# Sticky  Body work, The early days!



## Eric Animal (Oct 28, 2007)

*HERE IS A THREAD FOR THOSE ABOUT TO RESTORE: *Here are some pics of EXTENSIVE body work, and customization.......In the begining...."Eh, dosen't look too bad".


----------



## Eric Animal (Oct 28, 2007)

So...off to the shop for a strip down and chassis removal......" Holy crap"! A bit more rust than we originally thought.....replace the rotten panels, and re-enforce certain areas......


----------



## Eric Animal (Oct 28, 2007)

Fortunately I found 2 doors, and 2 fenders, that were rust and dent free....so on they go...then the entire shell goes onto the rotesserie for stripping. Blasted inside, mechanical (sanded off) outside....


----------



## Eric Animal (Oct 28, 2007)

Next, defective areas were welded, banged, heated , shrunk, stretched, etc....to get the car "straight". At this time the fire wall, and transmission tunnel, and floor were modified....LOTSA" metal work, and Fabrication..... To BE CONTINUED......


----------



## Eric Animal (Oct 28, 2007)

*MEANWHILE:* I was constantly scourcing parts. For instance, a CHASSIS. I ordered this one from Street Rod Garage , Took some careful planning ahead, designwork, thinkin' and worring...BUT fit like a glove....


----------



## Eric Animal (Oct 28, 2007)

The chassis was disassembled, blasted, powdercoated, and re assembled....ready to receive the "new" body. All while Rich Hoffman and I spec'd out a new motor and transmission...


----------



## Eric Animal (Oct 28, 2007)

Motor being biult....


----------



## Eric Animal (Oct 28, 2007)

More pics of the engine build..... I will continue later...gotta go pick up some parts, and 100 octane gas for tomorrows fire up!!!arty:


----------



## Rukee (Feb 8, 2007)

Eric love your build, are those frost plugs your pointing at tapped?


----------



## Eric Animal (Oct 28, 2007)

Yes, they are tapped, and O ringed.....


----------



## Eric Animal (Oct 28, 2007)

MODS, Thanks for making this a "sticky"...I will continue the saga, with photos during the coming week!

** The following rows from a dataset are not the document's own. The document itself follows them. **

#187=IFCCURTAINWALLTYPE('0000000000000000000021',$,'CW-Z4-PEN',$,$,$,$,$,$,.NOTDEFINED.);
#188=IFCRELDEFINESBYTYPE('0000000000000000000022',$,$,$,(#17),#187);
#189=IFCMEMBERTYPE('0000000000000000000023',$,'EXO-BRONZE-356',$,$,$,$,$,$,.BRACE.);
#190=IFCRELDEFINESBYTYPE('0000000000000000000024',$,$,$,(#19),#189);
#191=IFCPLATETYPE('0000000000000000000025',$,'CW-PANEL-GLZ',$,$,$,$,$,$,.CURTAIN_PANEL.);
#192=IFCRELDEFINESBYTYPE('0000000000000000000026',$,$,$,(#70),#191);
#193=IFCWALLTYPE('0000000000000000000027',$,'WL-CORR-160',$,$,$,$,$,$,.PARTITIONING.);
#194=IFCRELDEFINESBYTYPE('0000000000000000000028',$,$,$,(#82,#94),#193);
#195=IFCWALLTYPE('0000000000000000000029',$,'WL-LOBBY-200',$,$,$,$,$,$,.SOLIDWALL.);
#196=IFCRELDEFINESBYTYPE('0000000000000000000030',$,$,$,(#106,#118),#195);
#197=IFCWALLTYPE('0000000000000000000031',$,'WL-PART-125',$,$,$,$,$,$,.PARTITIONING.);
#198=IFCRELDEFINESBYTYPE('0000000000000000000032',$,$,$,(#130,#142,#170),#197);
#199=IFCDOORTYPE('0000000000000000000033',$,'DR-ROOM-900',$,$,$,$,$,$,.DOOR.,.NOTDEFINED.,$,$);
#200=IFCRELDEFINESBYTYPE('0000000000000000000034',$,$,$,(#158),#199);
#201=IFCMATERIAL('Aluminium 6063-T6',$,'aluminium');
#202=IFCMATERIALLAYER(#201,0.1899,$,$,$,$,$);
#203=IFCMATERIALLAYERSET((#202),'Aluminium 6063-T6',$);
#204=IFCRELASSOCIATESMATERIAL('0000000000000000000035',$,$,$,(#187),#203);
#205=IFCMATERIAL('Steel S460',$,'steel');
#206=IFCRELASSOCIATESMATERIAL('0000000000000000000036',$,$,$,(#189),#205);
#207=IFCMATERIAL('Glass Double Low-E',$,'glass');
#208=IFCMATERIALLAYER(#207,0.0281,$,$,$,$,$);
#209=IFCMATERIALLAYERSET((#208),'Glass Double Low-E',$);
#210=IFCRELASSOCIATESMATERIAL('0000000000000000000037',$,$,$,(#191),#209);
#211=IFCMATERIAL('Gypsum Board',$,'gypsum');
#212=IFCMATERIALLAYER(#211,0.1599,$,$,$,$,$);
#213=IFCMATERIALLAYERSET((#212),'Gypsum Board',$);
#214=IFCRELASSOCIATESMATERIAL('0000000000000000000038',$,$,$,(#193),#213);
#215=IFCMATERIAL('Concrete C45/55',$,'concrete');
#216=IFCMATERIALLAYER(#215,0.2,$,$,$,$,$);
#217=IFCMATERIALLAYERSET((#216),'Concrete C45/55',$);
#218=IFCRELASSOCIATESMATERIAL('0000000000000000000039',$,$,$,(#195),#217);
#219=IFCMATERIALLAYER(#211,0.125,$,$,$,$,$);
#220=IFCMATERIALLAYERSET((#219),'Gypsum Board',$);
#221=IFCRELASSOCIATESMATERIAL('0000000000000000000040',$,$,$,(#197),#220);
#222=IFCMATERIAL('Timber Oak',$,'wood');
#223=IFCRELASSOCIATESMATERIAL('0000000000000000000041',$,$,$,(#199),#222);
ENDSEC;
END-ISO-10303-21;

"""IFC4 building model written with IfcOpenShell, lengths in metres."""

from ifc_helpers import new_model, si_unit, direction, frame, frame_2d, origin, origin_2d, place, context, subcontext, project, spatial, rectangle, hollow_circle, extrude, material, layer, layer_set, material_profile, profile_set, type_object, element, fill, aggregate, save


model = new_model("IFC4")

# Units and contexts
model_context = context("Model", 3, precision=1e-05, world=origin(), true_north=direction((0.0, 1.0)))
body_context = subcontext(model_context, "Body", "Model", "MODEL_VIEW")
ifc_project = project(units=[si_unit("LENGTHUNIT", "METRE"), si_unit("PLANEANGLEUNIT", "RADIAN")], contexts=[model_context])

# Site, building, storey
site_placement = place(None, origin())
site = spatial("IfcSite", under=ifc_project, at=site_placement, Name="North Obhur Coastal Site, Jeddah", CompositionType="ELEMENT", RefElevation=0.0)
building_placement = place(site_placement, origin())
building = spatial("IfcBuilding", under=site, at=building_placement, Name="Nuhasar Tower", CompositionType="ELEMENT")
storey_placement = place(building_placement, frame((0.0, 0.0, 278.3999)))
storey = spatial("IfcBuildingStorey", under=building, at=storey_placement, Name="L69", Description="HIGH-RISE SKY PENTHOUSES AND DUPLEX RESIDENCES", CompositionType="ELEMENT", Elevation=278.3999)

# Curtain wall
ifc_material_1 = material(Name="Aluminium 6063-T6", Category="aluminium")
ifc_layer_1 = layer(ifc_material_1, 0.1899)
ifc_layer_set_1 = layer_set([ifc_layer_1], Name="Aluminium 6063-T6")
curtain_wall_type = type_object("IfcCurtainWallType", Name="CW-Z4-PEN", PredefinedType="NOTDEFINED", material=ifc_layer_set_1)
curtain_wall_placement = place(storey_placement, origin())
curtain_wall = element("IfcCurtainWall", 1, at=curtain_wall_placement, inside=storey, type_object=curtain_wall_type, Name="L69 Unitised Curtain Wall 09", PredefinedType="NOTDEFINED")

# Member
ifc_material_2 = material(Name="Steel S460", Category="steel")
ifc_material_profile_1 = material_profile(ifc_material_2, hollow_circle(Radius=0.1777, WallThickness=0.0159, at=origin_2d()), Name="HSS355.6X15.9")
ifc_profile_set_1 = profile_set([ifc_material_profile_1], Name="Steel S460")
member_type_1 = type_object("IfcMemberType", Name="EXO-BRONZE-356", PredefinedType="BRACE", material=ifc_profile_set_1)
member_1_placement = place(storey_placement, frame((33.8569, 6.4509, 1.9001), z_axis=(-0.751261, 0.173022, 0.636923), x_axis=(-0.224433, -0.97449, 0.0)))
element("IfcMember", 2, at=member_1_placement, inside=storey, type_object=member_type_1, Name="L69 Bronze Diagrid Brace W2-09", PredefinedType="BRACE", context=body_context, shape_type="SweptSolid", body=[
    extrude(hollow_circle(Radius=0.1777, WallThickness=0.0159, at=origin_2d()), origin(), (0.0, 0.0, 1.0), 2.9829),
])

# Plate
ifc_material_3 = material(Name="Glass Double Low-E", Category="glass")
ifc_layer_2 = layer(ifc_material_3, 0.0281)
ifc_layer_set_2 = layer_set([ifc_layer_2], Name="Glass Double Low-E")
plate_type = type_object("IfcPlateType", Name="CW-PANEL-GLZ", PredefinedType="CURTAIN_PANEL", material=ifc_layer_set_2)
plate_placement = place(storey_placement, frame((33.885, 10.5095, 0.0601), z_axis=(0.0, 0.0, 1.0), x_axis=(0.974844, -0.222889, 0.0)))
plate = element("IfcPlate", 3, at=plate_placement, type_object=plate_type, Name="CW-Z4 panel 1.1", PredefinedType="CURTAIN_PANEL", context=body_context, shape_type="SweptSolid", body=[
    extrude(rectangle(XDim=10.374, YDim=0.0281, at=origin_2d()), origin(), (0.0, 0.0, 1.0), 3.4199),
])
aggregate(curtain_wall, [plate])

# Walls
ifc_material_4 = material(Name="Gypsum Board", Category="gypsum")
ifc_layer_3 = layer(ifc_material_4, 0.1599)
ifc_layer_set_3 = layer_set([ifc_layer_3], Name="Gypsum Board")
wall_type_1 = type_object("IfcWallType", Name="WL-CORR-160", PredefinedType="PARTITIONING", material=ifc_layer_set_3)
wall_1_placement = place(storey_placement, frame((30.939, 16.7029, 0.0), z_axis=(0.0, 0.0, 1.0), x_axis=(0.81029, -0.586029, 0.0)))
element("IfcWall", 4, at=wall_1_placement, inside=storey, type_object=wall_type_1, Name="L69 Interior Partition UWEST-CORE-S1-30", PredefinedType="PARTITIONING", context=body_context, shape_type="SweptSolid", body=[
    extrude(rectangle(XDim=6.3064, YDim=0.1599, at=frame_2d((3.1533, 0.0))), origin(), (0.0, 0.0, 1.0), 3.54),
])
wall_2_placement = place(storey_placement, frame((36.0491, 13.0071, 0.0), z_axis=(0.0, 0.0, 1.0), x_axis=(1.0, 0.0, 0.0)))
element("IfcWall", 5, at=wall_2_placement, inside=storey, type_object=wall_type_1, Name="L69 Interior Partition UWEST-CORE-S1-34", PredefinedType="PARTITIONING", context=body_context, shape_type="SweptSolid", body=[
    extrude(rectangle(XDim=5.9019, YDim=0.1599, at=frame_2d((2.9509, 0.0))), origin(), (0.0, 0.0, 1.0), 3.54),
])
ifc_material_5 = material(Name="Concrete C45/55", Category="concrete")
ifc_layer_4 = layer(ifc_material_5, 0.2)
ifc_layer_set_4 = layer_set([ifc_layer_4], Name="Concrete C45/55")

Eric


----------



## Eric Animal (Oct 28, 2007)

Meanwhile, back at the body shop........custom, and factory seams were welded, ground, and filled. The body smoothed and primed.....


----------



## Eric Animal (Oct 28, 2007)

And sanded, and primered somemore.....


----------



## Eric Animal (Oct 28, 2007)

I forgot...the body was sent out to be LINE-X coated underneath...then mated to the chassis, BEFORE the final sanding!


----------



## Eric Animal (Oct 28, 2007)

Anyway...the body went back onto the chassis, and got ready for paint...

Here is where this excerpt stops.